Category: Data Science

Freshmen Recruitment and Admissions Intelligence System

The Pennsylvania State System of Higher Education (PASSHE) asked Civilytics to build an equity-focused tool to identify high schools for recruiting freshmen to system universities. This tool uses only publicly available information to give PASSHE schools the information they need to develop recruitment and marketing campaigns.

FRAIS

  • Gives users tools to interactively explore the number of college-ready students across the United States including the ability to filter and sort by race and ethnicity, geography, and academic selectivity.
  • Is built on three publicly available datasets, using the three most recent years of data, on over 18,000 public and private high schools across the United States.
  • Distills dozens of measures of academic preparation into a single college-readiness score in an interactive tool that the user can use to adjust various attributes in order to best identify the student.
  • Uses an intuitive user interface that allows users access to use a map to identify clusters of promising students or geographic regions of interest for recruitment efforts.
  • Runs on free software, has low maintenance costs, and can be deployed by PASSHE to campuses.

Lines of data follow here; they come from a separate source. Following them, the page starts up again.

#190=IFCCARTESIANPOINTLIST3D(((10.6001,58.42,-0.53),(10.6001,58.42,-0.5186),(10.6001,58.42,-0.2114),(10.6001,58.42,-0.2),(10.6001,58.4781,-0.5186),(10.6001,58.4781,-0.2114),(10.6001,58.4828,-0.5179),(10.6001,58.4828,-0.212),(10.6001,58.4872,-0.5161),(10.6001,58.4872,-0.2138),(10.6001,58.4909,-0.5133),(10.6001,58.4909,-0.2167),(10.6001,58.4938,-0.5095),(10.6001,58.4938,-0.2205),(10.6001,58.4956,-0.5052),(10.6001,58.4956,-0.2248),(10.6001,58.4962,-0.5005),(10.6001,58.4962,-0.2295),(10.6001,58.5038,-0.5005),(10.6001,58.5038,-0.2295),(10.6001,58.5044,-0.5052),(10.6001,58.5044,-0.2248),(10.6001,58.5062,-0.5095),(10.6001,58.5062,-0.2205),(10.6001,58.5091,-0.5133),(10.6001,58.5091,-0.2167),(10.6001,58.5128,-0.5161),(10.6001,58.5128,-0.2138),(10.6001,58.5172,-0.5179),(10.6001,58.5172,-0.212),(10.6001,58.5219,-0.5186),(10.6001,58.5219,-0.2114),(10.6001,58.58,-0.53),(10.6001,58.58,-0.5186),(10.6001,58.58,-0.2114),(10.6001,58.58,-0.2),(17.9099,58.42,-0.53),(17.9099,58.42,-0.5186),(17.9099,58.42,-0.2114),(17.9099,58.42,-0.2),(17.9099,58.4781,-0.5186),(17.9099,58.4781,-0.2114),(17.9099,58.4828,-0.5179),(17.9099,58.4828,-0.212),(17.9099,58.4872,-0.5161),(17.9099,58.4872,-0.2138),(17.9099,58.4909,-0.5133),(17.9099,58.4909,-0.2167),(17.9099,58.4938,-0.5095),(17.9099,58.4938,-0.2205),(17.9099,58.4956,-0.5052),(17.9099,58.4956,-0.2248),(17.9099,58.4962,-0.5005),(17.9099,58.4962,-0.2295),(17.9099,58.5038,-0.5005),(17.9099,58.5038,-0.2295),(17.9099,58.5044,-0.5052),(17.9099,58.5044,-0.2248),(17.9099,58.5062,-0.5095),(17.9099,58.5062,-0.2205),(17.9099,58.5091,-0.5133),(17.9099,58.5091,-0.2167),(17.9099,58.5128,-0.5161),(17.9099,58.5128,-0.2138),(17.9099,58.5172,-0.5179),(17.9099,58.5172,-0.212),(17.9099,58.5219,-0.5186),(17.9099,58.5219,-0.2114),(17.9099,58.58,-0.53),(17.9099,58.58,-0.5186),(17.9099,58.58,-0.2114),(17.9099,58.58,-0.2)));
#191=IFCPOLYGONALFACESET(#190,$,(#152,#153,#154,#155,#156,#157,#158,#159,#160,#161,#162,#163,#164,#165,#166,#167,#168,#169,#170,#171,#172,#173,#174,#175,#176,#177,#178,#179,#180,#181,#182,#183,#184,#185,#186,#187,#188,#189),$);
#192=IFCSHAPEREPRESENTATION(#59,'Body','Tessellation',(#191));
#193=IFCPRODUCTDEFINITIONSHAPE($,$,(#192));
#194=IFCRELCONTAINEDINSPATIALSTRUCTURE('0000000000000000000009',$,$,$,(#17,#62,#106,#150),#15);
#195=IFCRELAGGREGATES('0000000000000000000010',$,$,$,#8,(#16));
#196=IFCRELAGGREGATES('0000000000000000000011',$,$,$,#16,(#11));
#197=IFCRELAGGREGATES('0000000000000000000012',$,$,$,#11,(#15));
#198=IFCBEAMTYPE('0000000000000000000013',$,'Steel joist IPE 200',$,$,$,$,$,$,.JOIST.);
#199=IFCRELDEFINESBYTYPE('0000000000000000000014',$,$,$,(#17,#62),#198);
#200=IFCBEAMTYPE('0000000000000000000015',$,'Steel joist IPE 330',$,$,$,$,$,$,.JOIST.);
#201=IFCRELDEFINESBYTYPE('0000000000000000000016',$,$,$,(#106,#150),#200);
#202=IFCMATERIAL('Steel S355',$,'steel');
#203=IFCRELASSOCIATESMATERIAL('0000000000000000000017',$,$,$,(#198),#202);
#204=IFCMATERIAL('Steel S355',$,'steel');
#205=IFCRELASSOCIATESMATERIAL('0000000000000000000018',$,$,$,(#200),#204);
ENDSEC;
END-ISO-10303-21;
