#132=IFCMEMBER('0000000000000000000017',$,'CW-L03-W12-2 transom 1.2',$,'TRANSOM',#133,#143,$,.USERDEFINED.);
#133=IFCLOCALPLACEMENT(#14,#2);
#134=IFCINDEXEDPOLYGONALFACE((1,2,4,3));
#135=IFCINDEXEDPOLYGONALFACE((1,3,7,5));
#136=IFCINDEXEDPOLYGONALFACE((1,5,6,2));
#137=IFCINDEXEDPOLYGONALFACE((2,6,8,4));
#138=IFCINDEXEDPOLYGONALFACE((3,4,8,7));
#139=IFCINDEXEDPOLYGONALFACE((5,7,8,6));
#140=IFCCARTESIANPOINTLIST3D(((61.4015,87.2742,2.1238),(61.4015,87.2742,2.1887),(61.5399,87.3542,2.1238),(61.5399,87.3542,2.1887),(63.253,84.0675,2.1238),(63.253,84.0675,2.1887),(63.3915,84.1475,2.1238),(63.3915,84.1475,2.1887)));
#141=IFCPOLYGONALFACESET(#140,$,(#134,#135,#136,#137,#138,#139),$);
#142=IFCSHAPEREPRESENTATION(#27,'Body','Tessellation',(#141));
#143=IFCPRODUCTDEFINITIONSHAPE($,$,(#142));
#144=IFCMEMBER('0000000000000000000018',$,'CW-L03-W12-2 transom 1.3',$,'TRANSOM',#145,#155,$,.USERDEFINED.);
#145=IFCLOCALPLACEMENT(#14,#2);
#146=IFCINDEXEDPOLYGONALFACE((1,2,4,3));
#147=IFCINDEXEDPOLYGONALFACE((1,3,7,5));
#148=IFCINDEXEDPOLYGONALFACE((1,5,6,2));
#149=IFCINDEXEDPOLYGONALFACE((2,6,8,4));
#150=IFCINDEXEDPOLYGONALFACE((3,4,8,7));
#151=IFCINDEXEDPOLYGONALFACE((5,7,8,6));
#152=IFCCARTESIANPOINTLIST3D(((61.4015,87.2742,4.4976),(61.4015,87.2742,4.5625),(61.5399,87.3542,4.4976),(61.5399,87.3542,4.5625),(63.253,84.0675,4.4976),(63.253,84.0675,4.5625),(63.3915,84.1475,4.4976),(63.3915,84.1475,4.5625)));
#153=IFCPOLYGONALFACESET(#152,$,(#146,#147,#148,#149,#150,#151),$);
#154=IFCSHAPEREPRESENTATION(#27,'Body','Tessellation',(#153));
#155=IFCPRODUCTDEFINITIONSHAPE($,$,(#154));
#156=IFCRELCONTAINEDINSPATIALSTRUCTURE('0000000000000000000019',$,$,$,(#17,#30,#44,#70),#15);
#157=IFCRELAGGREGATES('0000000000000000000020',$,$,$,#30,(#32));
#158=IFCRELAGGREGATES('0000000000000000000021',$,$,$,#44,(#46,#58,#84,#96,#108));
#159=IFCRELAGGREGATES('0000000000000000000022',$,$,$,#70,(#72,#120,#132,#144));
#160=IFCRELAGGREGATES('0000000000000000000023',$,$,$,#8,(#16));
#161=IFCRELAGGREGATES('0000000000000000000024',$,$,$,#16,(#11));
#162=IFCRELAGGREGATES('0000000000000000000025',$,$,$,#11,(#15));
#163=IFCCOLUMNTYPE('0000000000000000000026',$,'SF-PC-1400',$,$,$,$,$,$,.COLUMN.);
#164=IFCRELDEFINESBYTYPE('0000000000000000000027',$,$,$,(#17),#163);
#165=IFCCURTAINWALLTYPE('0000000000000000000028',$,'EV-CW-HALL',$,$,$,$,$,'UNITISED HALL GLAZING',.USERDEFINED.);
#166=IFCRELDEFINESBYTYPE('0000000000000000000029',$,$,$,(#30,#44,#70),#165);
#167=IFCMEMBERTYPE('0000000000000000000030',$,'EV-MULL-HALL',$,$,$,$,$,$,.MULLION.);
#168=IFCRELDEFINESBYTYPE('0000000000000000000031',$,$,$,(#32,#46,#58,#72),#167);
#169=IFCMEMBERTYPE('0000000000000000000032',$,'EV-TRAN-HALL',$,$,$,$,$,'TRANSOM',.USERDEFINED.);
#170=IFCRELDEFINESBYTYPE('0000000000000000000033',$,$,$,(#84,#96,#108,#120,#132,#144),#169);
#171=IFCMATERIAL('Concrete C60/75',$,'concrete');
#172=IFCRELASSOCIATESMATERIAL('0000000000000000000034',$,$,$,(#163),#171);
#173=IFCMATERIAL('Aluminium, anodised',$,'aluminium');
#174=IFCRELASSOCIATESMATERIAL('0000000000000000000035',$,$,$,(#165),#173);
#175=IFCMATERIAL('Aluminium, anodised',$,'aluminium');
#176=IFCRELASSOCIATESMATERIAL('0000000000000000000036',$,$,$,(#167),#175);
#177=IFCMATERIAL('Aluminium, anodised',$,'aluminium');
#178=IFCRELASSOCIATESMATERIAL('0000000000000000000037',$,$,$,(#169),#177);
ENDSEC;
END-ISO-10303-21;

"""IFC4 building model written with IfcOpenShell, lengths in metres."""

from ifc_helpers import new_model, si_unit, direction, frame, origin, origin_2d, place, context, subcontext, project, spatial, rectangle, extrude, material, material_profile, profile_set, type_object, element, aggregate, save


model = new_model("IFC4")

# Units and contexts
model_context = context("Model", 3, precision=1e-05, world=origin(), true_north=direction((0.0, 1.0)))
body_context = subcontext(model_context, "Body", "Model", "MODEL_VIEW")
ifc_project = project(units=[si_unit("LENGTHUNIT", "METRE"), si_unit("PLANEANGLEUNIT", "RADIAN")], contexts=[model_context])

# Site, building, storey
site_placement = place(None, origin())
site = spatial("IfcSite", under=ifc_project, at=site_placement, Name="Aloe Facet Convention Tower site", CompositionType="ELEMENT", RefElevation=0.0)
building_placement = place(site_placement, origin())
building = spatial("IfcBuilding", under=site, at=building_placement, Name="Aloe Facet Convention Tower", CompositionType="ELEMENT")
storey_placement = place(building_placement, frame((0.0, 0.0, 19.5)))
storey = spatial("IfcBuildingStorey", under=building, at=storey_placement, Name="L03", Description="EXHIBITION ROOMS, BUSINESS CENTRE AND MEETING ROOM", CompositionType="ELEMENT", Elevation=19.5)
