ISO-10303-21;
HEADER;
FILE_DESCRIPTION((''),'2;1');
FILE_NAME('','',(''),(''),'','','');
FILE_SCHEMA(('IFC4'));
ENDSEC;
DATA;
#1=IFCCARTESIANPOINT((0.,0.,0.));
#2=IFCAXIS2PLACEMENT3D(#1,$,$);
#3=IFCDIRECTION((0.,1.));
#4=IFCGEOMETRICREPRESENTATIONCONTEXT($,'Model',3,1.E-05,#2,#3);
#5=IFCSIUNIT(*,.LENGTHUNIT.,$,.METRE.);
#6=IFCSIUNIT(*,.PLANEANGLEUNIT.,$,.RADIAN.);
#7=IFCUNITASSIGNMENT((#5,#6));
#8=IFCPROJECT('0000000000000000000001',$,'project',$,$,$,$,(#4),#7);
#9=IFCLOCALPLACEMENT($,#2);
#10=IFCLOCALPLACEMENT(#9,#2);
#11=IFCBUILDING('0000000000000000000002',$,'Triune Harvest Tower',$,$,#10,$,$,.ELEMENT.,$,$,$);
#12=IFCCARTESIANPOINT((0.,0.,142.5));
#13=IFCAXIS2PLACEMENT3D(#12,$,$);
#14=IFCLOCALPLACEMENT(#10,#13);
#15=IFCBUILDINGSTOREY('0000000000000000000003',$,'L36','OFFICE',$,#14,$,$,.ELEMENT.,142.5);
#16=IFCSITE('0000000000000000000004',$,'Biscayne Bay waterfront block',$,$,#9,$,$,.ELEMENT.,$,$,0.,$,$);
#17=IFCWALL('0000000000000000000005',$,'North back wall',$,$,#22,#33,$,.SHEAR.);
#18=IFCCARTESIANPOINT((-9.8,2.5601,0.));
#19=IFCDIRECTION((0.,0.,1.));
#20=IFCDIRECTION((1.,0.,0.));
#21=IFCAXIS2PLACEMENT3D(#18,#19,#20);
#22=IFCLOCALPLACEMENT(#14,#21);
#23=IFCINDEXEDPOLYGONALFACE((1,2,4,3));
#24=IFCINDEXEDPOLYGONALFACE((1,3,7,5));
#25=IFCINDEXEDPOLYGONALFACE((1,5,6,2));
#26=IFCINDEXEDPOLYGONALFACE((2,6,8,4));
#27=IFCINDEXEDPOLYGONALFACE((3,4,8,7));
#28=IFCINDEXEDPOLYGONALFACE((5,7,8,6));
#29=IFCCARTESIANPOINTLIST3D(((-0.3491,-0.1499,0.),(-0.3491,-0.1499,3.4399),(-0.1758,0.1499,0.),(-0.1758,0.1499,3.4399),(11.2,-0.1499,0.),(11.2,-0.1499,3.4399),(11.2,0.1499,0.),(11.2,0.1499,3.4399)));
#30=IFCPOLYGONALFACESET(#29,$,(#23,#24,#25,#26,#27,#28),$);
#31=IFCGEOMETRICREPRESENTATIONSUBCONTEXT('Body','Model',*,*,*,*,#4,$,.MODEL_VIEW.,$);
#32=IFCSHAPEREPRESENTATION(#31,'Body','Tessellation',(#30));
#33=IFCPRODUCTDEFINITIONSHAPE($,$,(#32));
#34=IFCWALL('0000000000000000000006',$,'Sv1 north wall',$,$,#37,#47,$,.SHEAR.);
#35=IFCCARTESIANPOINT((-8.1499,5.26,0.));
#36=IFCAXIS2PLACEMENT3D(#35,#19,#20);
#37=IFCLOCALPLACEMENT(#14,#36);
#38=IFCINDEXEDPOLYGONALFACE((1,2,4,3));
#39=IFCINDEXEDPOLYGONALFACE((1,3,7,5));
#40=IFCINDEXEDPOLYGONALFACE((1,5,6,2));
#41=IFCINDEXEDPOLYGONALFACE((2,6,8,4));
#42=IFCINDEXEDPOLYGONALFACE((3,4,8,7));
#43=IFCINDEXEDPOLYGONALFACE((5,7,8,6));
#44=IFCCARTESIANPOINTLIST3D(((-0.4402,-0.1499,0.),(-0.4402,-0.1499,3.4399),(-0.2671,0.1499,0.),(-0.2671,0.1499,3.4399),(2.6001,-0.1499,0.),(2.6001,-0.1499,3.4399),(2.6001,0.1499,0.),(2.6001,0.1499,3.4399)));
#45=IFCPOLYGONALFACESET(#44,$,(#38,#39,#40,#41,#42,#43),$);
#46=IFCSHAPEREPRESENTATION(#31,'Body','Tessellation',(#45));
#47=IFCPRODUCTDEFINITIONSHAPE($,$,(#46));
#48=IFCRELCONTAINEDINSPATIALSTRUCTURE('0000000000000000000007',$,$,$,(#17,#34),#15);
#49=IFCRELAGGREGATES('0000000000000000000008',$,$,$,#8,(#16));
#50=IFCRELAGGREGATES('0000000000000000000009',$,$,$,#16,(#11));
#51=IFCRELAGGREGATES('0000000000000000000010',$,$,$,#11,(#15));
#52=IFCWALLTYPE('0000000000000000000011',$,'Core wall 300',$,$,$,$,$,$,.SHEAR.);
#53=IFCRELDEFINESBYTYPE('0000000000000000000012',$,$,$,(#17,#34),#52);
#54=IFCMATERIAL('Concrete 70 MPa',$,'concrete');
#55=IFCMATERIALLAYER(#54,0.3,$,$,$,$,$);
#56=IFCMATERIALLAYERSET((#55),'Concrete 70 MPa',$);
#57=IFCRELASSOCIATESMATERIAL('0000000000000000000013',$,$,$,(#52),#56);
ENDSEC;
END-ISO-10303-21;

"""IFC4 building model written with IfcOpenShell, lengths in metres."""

from ifc_helpers import new_model, si_unit, direction, frame, origin, place, context, subcontext, project, spatial, polyline, outline, extrude, source, transform, mapped, material, layer, layer_set, type_object, element, save


model = new_model("IFC4")

# Units and contexts
model_context = context("Model", 3, precision=1e-05, world=origin(), true_north=direction((0.0, 1.0)))
body_context = subcontext(model_context, "Body", "Model", "MODEL_VIEW")
ifc_project = project(units=[si_unit("LENGTHUNIT", "METRE"), si_unit("PLANEANGLEUNIT", "RADIAN")], contexts=[model_context])

# Site, building, storey
site_placement = place(None, origin())
site = spatial("IfcSite", under=ifc_project, at=site_placement, Name="Biscayne Bay waterfront block", CompositionType="ELEMENT", RefElevation=0.0)
building_placement = place(site_placement, origin())
building = spatial("IfcBuilding", under=site, at=building_placement, Name="Triune Harvest Tower", CompositionType="ELEMENT")
storey_placement = place(building_placement, frame((0.0, 0.0, 142.5)))
storey = spatial("IfcBuildingStorey", under=building, at=storey_placement, Name="L36", Description="OFFICE", CompositionType="ELEMENT", Elevation=142.5)

# Wall
ifc_material_1 = material(Name="Concrete 70 MPa", Category="concrete")
ifc_layer_1 = layer(ifc_material_1, 0.3)
ifc_layer_set_1 = layer_set([ifc_layer_1], Name="Concrete 70 MPa")
wall_type_1 = type_object("IfcWallType", Name="Core wall 300", PredefinedType="SHEAR", material=ifc_layer_set_1)
shared_shape_1 = source(origin(), body_context, "Body", "SweptSolid", [
    extrude(outline(polyline([(11.2, -0.1499), (-0.3491, -0.1499), (-0.1758, 0.1499), (11.2, 0.1499), (11.2, -0.1499)])), origin(), (0.0, 0.0, 1.0), 3.4399),
])
wall_1_placement = place(storey_placement, frame((-9.8, 2.5601, 0.0), z_axis=(0.0, 0.0, 1.0), x_axis=(1.0, 0.0, 0.0)))
element("IfcWall", 1, at=wall_1_placement, inside=storey, type_object=wall_type_1, Name="North back wall", PredefinedType="SHEAR", context=body_context, shape_type="MappedRepresentation", body=[
    mapped(shared_shape_1, transform((0.0, 0.0, 0.0), scale=1.0)),
])

# Wall
shared_shape_2 = source(origin(), body_context, "Body", "SweptSolid", [
    extrude(outline(polyline([(2.6001, -0.1499), (-0.4402, -0.1499), (-0.2671, 0.1499), (2.6001, 0.1499), (2.6001, -0.1499)])), origin(), (0.0, 0.0, 1.0), 3.4399),
])
wall_2_placement = place(storey_placement, frame((-8.1499, 5.26, 0.0), z_axis=(0.0, 0.0, 1.0), x_axis=(1.0, 0.0, 0.0)))
element("IfcWall", 2, at=wall_2_placement, inside=storey, type_object=wall_type_1, Name="Sv1 north wall", PredefinedType="SHEAR", context=body_context, shape_type="MappedRepresentation", body=[
    mapped(shared_shape_2, transform((0.0, 0.0, 0.0), scale=1.0)),
])

save(model, "model.ifc")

FRAIS draws on over 600 publicly available data elements measuring college-readiness and student success available through open and public data published by the US Department of Education. The datasets used include the Common Core of Data (CCD), EdFacts, and the Civil Rights Data Collection (CRDC). The most recent year of publicly available data was 2016 so the system currently uses data drawn from 2014-2016 to forecast current high school cohort performance.

FRAIS focuses on information, not data. FRAIS combines the data from these 600 measures into a college readiness score (CRS). The CRS is a latent variable estimate of the college readiness of the average high school senior at each school. Schools are then grouped based on the weighted average of their size and the CRS – allowing the user to find concentrations of college-ready students.

The CRS is intuitive, powerful, and most importantly flexible. The user can select the CRS to be recalculated for students in different subgroups by sex or race/ethnicity. For example, a school could seek to identify clusters of Hispanic female students with a high CRS. Using FRAIS they could select these options and be shown the schools with the greatest concentrations of these students.

Users can also adjust the CRS threshold to select the level of student-preparedness they want to see schools weighted by. This gives campuses the flexibility to explore recruiting options in relation to their own admissions goals and standards.